# Programm für Photo CD



## tequilo (26. Juni 2004)

Hallo Ihr da draußen,

ich habe gerade einen ganzen Schwung Urlaubsbilder vor mir und möchte diese auf eine Photo CD brennen.

Ich brauche dafür noch ein vernünftiges Programm, mit dem ich so gut wie alles machen kann. Ich scheue keine Kosten (bis 100 €). Kann auch umfangreich sein.

Welches Programm ist empfelenswert?

Danke


----------



## lefteris (8. Juli 2004)

Gehe einmal auf bhv.de und anschliessend Software. Dort findest Du TV Foto Show. Ich habe mir dieses Programm nach einigen anderen gekauft und muss sagen, das Beste, das ich bisher hatte.
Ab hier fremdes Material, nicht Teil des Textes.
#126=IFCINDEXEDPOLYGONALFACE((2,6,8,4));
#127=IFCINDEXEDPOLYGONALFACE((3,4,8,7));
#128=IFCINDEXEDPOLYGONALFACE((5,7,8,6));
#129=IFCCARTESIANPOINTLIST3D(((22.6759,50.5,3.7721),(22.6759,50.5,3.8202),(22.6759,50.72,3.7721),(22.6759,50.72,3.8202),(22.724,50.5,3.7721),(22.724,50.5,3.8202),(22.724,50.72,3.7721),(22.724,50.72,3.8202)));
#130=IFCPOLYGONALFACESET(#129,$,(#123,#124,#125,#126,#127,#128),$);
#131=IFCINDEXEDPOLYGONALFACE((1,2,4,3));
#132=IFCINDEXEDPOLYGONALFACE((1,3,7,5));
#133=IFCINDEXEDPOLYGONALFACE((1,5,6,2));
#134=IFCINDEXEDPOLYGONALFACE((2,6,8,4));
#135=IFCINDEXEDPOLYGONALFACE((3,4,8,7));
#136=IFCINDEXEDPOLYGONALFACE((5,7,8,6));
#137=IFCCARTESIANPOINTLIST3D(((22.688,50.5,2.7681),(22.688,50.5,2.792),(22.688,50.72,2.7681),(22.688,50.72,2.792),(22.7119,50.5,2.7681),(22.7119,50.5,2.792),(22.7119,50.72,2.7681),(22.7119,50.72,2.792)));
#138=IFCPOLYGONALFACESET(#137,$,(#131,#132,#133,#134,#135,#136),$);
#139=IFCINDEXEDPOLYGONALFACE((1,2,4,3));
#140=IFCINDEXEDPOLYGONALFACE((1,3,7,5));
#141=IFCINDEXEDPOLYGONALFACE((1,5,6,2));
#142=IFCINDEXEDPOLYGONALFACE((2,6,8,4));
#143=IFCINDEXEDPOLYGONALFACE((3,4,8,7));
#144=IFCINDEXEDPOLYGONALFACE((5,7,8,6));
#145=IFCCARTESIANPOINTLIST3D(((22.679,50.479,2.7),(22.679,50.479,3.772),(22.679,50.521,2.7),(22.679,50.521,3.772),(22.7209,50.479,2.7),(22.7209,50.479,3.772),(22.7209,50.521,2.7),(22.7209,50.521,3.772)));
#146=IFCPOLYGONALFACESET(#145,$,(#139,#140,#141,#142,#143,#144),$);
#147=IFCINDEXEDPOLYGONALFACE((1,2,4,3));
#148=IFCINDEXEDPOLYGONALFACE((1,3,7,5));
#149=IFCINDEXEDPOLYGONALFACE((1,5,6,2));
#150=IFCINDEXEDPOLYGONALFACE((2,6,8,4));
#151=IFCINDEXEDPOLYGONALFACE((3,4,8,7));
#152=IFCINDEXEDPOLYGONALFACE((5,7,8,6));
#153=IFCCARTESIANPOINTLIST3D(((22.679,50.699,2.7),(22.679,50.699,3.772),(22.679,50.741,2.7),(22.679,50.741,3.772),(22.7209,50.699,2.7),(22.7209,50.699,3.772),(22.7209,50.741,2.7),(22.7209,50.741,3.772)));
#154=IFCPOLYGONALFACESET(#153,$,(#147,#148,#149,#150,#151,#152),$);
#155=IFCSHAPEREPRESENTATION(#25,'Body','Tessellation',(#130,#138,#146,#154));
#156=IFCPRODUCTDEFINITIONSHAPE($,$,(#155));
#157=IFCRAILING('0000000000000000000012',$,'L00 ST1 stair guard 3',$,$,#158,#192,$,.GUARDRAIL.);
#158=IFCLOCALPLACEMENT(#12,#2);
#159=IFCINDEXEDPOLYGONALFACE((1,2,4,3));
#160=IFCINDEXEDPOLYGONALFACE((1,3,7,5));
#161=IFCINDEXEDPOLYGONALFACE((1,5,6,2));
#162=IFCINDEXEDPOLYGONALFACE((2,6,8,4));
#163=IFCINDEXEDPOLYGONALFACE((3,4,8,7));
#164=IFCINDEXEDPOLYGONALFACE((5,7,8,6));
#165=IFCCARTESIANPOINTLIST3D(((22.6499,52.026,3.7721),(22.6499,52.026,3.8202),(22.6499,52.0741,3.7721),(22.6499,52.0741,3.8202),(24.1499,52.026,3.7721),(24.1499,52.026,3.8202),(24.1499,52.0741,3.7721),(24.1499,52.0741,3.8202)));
Nur, ich wuerde es nur als BOX kaufen und nicht als Downloadprogramm.
Lefteris


----------



## Robert Steichele (8. Juli 2004)

Hab gute Erfahrungen mit Fotos auf CD und DVD von Magix gemacht.


----------



## Hil (8. Juli 2004)

*Photo CD*

Hi,
Ein gutes und einfaches Programm zum Bilder verwalten, Cds erstellen usw. ist Adobe Album 2. Da du keine Kosten scheust ist das vielleicht das richtige für dich.

Hil


----------



## tittli (8. Juli 2004)

Mal so eine Frage:
Was kann so ein Programm eigentlich? Also das heisst warum kauft man so ein Programm, wenn man die Photos genau so gut mit Nero oder sonstwas auf eine CD bringt?

gruss


----------